Document Type : Original Article
Authors
1
Associate Professor, Department of Surgery, Endoscopic & Minimally Invasive Surgery Research Centre, School of Medicine, Mashhad University of Medical Sciences, Mashhad, Iran.
2
General Surgeon, Endoscopic & Minimally Invasive Surgery Research Centre, School of Medicine, Mashhad University of Medical Sciences, Mashhad, Iran.
3
Resident of Surgery, Surgical Oncology Research Centre, School of Medicine, Mashhad University of Medical Sciences, Mashhad, Iran.
4
Associate Professor, Department of Nuclear Medicine, Nuclear Medicine Research Centre, School of Medicine, Mashhad University of Medical Sciences, Mashhad, Iran.
5
Associate Professor, Department of Surgery, Surgical Oncology Research Centre, School of Medicine, Mashhad University of Medical Sciences, Mashhad, Iran.
6
Assistant Professor, Department of Obstetrics and Gynecology, Ovulation Dysfunction Research Centre, School of Medicine, Mashhad University of Medical Sciences, Mashhad, Iran.
7
Resident of Surgery, Endoscopic & Minimally Invasive Surgery Research Centre, School of Medicine, Mashhad University of Medical Sciences, Mashhad, Iran.
Abstract
Introduction: Breast cancer is the most common malignancy in women and the treatment is removal of the axillary lymph nodes and breast. This study was done to study the results of sentinel lymph node biopsy in breast cancer patients.
Methods: This retrospective study was conducted on 110 patients with stage I and II breast cancer who refereed to Omid hospital in Mashhad, Iran, 2007-2009. Sentinel lymph node biopsy was performed. Patients were evaluated with combined methods of injection of radioisotope (scintigraphy) and isosulfan blue dye. Radioisotope count was used to identify the sentinel lymph node. After identifying the sentinel lymph node, the lymph nodes were removed and sent for frozen section evaluation and permanent section pathology. Data were analyzed using descriptive statistics, Chi square and Fisher's exact tests.
Results: Intraoperative frozen section results were positive in 20 patients, therefore they underwent axillary dissection. During the stage of learning curve for surgeon, 30 primary patients (33.33%) of the total 90 patients underwent simultaneously sentinel lymph node biopsy and axillary dissection.

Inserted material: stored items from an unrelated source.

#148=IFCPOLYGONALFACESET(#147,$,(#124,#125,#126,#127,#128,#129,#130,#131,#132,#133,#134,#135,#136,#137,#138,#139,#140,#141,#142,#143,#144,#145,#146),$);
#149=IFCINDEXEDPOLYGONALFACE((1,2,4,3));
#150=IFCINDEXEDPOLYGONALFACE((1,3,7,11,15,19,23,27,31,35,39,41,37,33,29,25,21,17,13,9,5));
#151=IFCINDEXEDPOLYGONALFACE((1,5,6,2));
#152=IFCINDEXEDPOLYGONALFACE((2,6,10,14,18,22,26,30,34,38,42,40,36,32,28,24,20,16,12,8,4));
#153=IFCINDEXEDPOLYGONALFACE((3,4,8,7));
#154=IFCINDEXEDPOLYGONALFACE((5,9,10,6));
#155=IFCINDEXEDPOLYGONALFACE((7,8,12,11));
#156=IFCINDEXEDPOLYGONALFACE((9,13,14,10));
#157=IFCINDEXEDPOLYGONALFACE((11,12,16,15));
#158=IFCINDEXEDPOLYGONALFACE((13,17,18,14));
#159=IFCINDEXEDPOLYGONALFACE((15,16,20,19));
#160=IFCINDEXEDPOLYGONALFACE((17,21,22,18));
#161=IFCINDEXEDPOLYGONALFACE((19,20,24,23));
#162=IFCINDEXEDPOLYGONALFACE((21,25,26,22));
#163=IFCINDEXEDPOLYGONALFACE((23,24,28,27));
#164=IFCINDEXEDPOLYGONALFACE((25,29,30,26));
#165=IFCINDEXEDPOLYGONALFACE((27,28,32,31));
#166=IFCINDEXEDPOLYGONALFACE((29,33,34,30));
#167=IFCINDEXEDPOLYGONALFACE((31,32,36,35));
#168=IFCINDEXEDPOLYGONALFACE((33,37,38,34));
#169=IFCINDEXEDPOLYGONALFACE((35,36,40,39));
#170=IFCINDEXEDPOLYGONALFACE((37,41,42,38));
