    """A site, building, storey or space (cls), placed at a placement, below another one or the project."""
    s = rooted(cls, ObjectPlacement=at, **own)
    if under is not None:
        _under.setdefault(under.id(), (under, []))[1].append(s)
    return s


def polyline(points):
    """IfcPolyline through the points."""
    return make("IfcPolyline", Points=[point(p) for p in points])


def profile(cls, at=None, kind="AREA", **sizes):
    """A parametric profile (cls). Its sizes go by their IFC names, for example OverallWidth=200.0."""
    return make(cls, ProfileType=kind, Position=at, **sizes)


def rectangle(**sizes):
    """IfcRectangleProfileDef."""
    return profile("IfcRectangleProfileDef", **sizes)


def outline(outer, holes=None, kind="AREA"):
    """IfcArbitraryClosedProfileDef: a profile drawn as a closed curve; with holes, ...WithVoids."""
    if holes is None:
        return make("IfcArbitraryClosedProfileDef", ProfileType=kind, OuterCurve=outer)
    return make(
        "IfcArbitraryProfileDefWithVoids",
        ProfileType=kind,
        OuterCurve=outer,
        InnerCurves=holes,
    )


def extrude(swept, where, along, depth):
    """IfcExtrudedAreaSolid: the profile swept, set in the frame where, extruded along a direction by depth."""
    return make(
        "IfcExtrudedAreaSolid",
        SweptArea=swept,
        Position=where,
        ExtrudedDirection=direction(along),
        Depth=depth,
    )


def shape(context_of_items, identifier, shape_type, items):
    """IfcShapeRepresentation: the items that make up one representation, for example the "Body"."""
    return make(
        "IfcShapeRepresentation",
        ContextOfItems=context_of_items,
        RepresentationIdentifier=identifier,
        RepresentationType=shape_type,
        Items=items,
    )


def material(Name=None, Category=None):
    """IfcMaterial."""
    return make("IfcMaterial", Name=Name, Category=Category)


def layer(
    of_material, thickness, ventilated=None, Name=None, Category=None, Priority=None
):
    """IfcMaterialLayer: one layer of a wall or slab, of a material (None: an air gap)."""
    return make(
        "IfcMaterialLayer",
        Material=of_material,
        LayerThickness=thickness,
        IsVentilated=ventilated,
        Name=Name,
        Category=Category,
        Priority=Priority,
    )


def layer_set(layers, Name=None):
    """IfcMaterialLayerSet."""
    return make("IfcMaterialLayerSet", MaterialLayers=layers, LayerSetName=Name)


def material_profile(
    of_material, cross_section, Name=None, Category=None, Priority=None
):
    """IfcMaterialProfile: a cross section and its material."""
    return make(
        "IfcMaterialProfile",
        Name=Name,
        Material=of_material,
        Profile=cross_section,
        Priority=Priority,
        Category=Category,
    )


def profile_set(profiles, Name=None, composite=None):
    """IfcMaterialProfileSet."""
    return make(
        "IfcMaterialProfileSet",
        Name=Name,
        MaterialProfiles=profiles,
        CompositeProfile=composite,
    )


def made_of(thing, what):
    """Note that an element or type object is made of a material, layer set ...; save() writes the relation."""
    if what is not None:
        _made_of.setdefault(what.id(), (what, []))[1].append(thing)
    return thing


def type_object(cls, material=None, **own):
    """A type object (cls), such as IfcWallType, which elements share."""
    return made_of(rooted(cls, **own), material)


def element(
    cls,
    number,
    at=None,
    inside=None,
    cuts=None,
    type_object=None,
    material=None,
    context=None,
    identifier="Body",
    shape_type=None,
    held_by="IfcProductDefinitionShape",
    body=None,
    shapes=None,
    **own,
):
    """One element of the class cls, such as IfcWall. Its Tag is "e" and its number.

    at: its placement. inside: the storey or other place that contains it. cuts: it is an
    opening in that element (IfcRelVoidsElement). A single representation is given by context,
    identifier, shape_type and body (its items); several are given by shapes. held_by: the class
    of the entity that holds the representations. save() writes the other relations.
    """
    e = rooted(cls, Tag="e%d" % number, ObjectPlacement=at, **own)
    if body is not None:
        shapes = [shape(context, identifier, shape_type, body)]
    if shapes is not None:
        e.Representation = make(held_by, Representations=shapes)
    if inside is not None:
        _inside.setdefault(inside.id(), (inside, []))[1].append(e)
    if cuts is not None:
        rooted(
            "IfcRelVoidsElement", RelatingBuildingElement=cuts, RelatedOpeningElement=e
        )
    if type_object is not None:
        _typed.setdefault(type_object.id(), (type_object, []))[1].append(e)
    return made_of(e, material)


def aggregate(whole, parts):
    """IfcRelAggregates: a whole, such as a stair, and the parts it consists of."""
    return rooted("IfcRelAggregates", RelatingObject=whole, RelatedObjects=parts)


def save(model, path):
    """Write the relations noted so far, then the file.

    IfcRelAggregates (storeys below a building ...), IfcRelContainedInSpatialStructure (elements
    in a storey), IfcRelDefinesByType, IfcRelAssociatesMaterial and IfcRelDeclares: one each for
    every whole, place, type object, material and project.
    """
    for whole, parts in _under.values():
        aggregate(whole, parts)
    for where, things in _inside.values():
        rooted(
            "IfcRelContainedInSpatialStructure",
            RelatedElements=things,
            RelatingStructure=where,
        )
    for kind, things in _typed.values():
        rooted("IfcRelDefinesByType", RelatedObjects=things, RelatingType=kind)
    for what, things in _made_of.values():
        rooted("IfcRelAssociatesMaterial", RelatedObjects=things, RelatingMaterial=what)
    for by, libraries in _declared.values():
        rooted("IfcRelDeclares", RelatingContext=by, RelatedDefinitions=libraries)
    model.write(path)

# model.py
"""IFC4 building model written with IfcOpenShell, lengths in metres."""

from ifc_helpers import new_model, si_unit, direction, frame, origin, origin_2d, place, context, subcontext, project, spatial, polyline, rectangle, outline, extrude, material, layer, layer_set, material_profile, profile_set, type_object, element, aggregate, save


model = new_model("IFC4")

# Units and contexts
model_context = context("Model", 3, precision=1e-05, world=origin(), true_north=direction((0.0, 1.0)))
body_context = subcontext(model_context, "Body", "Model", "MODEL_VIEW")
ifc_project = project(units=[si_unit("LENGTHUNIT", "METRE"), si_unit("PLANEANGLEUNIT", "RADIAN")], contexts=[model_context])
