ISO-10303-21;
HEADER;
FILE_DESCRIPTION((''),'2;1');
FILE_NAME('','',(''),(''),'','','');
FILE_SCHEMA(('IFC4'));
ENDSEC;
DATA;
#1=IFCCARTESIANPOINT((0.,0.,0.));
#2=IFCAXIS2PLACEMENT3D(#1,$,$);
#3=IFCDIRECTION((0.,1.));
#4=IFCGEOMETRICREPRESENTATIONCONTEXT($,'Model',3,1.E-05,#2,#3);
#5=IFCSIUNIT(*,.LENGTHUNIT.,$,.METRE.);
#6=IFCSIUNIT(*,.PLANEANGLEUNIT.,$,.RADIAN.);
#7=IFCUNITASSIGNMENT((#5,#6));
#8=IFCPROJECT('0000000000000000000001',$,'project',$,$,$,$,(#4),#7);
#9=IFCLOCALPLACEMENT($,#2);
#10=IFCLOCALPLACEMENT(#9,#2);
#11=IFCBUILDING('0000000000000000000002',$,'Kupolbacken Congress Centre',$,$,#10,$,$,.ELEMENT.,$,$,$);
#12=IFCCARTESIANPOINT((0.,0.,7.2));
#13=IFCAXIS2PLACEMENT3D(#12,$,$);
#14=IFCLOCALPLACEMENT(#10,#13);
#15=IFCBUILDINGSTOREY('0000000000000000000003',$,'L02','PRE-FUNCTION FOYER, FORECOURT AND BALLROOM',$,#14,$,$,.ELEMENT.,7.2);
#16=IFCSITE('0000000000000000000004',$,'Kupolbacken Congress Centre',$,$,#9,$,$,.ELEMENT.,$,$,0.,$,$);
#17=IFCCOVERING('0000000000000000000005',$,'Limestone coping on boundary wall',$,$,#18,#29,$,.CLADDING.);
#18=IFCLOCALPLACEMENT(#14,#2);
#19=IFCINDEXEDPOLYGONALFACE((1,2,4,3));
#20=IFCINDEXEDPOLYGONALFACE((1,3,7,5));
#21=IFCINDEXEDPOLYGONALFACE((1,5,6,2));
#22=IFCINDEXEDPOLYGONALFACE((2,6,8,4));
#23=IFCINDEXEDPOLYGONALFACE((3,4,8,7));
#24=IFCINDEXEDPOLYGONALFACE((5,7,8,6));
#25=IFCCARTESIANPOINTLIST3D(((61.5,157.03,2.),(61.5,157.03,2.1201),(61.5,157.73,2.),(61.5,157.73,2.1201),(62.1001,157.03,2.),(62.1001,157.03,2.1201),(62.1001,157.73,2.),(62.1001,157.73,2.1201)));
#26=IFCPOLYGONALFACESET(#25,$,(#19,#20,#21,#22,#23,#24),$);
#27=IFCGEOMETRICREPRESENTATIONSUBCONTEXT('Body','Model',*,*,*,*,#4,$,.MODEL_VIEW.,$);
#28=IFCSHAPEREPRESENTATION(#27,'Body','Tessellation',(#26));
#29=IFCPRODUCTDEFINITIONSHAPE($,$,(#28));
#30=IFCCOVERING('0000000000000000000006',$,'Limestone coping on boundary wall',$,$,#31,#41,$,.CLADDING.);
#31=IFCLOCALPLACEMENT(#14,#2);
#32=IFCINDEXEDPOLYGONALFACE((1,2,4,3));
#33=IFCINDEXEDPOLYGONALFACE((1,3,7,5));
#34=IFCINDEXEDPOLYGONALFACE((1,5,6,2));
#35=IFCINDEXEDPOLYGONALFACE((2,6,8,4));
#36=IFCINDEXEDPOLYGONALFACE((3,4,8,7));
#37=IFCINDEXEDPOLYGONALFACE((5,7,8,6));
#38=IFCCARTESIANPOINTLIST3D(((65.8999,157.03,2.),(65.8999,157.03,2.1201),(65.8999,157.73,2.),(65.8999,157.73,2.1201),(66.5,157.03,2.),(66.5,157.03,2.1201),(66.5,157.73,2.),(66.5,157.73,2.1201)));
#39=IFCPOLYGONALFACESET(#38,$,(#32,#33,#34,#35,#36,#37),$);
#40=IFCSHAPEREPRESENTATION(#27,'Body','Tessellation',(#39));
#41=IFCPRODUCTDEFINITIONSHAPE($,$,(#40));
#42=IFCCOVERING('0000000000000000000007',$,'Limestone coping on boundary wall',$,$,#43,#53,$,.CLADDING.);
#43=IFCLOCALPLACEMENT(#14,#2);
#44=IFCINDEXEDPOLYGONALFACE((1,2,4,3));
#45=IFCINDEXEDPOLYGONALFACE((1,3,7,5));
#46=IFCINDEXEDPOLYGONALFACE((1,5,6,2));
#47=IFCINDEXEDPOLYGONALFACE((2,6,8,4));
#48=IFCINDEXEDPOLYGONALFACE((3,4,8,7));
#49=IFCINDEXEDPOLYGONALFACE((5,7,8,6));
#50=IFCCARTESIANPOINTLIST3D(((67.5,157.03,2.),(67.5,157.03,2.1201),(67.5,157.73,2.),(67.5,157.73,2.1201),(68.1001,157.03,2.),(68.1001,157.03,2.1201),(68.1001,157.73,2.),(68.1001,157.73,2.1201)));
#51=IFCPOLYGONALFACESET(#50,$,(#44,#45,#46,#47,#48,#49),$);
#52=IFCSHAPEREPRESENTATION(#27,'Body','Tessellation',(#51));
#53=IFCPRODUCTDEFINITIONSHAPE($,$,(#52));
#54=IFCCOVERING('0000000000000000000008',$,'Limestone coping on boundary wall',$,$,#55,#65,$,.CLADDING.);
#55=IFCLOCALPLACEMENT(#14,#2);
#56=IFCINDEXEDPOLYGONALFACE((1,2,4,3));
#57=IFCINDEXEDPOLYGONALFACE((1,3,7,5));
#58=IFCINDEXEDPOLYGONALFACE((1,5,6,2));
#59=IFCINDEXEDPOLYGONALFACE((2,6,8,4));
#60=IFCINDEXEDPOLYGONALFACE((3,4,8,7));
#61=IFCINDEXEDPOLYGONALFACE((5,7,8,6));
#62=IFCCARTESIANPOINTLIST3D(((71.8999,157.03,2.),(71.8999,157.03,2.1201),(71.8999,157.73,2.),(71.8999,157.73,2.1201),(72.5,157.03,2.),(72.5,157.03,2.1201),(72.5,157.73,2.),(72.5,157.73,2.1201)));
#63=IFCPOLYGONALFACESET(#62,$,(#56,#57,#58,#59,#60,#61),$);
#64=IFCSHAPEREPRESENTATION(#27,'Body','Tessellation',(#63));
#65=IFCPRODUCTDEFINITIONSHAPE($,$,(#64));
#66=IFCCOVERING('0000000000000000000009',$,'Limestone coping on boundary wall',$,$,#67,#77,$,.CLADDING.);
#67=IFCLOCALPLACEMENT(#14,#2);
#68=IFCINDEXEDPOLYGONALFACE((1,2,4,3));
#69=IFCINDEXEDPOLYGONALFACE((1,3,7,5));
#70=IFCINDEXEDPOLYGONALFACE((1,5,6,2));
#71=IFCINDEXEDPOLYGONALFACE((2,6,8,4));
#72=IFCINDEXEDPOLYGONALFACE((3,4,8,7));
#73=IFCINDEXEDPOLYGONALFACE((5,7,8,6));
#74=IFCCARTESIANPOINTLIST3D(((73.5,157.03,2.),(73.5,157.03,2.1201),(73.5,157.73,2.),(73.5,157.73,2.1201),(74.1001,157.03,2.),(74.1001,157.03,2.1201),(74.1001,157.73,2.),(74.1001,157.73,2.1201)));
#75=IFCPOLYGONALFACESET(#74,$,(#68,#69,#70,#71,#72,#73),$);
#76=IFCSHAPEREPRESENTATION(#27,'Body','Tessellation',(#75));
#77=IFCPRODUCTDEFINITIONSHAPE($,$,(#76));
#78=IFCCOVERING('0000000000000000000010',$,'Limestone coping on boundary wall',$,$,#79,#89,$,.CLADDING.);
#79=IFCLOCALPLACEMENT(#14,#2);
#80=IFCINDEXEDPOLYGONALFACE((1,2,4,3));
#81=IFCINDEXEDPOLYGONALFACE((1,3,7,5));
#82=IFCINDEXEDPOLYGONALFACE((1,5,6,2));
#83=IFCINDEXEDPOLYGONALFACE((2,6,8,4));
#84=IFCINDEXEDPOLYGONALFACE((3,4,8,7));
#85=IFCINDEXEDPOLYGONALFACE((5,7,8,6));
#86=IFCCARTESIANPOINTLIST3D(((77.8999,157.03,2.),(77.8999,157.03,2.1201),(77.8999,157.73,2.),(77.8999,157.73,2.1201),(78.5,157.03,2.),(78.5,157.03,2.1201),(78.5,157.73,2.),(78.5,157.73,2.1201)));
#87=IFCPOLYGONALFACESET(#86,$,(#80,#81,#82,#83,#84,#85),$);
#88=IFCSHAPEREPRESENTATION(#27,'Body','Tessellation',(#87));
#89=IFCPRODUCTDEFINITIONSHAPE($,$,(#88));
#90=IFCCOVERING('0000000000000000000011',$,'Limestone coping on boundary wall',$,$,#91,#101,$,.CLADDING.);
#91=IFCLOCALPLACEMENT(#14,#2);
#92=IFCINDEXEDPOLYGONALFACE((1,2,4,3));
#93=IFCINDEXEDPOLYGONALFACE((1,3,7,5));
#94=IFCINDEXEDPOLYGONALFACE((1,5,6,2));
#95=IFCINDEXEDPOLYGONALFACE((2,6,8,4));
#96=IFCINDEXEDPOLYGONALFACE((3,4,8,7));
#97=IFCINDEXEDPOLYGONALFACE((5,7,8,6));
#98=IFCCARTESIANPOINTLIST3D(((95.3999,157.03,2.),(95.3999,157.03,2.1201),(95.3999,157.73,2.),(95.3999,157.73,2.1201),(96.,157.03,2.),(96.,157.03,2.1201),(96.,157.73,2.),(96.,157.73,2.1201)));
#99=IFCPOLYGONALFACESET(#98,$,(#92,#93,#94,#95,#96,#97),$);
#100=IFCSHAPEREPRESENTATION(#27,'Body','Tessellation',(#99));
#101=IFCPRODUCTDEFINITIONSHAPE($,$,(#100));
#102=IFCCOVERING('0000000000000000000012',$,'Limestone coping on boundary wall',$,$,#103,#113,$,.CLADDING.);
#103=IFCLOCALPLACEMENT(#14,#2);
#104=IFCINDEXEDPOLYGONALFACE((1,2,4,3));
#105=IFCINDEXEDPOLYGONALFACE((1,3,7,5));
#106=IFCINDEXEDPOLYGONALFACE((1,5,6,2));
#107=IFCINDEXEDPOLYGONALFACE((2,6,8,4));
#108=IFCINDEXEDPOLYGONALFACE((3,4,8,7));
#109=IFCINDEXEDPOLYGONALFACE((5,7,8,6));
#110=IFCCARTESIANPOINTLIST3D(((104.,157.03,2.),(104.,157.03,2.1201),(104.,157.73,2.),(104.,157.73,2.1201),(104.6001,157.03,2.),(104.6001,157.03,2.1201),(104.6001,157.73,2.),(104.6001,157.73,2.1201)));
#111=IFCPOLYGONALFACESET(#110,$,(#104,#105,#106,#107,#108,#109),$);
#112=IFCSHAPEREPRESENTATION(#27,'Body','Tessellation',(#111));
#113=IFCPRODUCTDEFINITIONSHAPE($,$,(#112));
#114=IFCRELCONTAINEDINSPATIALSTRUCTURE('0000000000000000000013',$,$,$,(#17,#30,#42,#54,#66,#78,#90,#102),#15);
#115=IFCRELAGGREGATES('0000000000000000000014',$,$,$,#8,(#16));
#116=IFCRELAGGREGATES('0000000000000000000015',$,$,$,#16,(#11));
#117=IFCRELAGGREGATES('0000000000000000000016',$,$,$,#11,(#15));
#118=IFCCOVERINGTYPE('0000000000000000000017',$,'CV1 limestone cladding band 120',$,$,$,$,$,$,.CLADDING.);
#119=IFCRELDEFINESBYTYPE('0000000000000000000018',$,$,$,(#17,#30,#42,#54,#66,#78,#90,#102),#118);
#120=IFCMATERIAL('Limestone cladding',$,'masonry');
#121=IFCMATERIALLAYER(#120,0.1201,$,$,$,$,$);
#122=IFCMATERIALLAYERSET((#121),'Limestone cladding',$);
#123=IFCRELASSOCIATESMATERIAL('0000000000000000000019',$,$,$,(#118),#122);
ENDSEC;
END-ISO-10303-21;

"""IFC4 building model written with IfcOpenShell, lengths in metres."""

from ifc_helpers import new_model, si_unit, direction, frame, origin, place, context, subcontext, project, spatial, polyline, outline, extrude, material, layer, layer_set, type_object, element, save


model = new_model("IFC4")

# Units and contexts
model_context = context("Model", 3, precision=1e-05, world=origin(), true_north=direction((0.0, 1.0)))
body_context = subcontext(model_context, "Body", "Model", "MODEL_VIEW")
ifc_project = project(units=[si_unit("LENGTHUNIT", "METRE"), si_unit("PLANEANGLEUNIT", "RADIAN")], contexts=[model_context])

# Site, building, storey
site_placement = place(None, origin())
site = spatial("IfcSite", under=ifc_project, at=site_placement, Name="Kupolbacken Congress Centre", CompositionType="ELEMENT", RefElevation=0.0)
building_placement = place(site_placement, origin())
building = spatial("IfcBuilding", under=site, at=building_placement, Name="Kupolbacken Congress Centre", CompositionType="ELEMENT")
storey_placement = place(building_placement, frame((0.0, 0.0, 7.2)))
storey = spatial("IfcBuildingStorey", under=building, at=storey_placement, Name="L02", Description="PRE-FUNCTION FOYER, FORECOURT AND BALLROOM", CompositionType="ELEMENT", Elevation=7.2)

# Coverings
ifc_material = material(Name="Limestone cladding", Category="masonry")
ifc_layer = layer(ifc_material, 0.1201)
ifc_layer_set = layer_set([ifc_layer], Name="Limestone cladding")
covering_type = type_object("IfcCoveringType", Name="CV1 limestone cladding band 120", PredefinedType="CLADDING", material=ifc_layer_set)
covering_1_placement = place(storey_placement, frame((0.0, 0.0, 2.0)))
element("IfcCovering", 1, at=covering_1_placement, inside=storey, type_object=covering_type, Name="Limestone coping on boundary wall", PredefinedType="CLADDING", context=body_context, shape_type="SweptSolid", body=[
    extrude(outline(polyline([(62.1001, 157.73), (62.1001, 157.03), (61.5, 157.03), (61.5, 157.73), (62.1001, 157.73)])), origin(), (0.0, 0.0, 1.0), 0.1201),
])
covering_2_placement = place(storey_placement, frame((0.0, 0.0, 2.0)))
element("IfcCovering", 2, at=covering_2_placement, inside=storey, type_object=covering_type, Name="Limestone coping on boundary wall", PredefinedType="CLADDING", context=body_context, shape_type="SweptSolid", body=[
    extrude(outline(polyline([(65.8999, 157.03), (65.8999, 157.73), (66.5, 157.73), (66.5, 157.03), (65.8999, 157.03)])), origin(), (0.0, 0.0, 1.0), 0.1201),
])
covering_3_placement = place(storey_placement, frame((0.0, 0.0, 2.0)))
element("IfcCovering", 3, at=covering_3_placement, inside=storey, type_object=covering_type, Name="Limestone coping on boundary wall", PredefinedType="CLADDING", context=body_context, shape_type="SweptSolid", body=[
    extrude(outline(polyline([(68.1001, 157.73), (68.1001, 157.03), (67.5, 157.03), (67.5, 157.73), (68.1001, 157.73)])), origin(), (0.0, 0.0, 1.0), 0.1201),
])
covering_4_placement = place(storey_placement, frame((0.0, 0.0, 2.0)))
element("IfcCovering", 4, at=covering_4_placement, inside=storey, type_object=covering_type, Name="Limestone coping on boundary wall", PredefinedType="CLADDING", context=body_context, shape_type="SweptSolid", body=[
    extrude(outline(polyline([(71.8999, 157.03), (71.8999, 157.73), (72.5, 157.73), (72.5, 157.03), (71.8999, 157.03)])), origin(), (0.0, 0.0, 1.0), 0.1201),
])
covering_5_placement = place(storey_placement, frame((0.0, 0.0, 2.0)))
element("IfcCovering", 5, at=covering_5_placement, inside=storey, type_object=covering_type, Name="Limestone coping on boundary wall", PredefinedType="CLADDING", context=body_context, shape_type="SweptSolid", body=[
    extrude(outline(polyline([(74.1001, 157.73), (74.1001, 157.03), (73.5, 157.03), (73.5, 157.73), (74.1001, 157.73)])), origin(), (0.0, 0.0, 1.0), 0.1201),
])
covering_6_placement = place(storey_placement, frame((0.0, 0.0, 2.0)))
element("IfcCovering", 6, at=covering_6_placement, inside=storey, type_object=covering_type, Name="Limestone coping on boundary wall", PredefinedType="CLADDING", context=body_context, shape_type="SweptSolid", body=[
    extrude(outline(polyline([(77.8999, 157.03), (77.8999, 157.73), (78.5, 157.73), (78.5, 157.03), (77.8999, 157.03)])), origin(), (0.0, 0.0, 1.0), 0.1201),
])
covering_7_placement = place(storey_placement, frame((0.0, 0.0, 2.0)))
element("IfcCovering", 7, at=covering_7_placement, inside=storey, type_object=covering_type, Name="Limestone coping on boundary wall", PredefinedType="CLADDING", context=body_context, shape_type="SweptSolid", body=[
    extrude(outline(polyline([(96.0, 157.73), (96.0, 157.03), (95.3999, 157.03), (95.3999, 157.73), (96.0, 157.73)])), origin(), (0.0, 0.0, 1.0), 0.1201),
])
covering_8_placement = place(storey_placement, frame((0.0, 0.0, 2.0)))
element("IfcCovering", 8, at=covering_8_placement, inside=storey, type_object=covering_type, Name="Limestone coping on boundary wall", PredefinedType="CLADDING", context=body_context, shape_type="SweptSolid", body=[
    extrude(outline(polyline([(104.0, 157.03), (104.0, 157.73), (104.6001, 157.73), (104.6001, 157.03), (104.0, 157.03)])), origin(), (0.0, 0.0, 1.0), 0.1201),
])

save(model, "model.ifc")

Results of sentinel lymph node biopsy were negative in 70 patients, so axillary dissection was ignored. Permanent pathologic results indicated metastatic involvement of sentinel lymph node in 3 patients of these 70 cases. These 3 cases were all in the first 30 patients that underwent axillary dissection, too. False-negative result of sentinel lymph node biopsy was not observed after getting over the learning curve stage.
Conclusion: Sentinel lymph node biopsy can determine the metastatic involvement of axillary lymph node in patients with stage I and II breast cancer.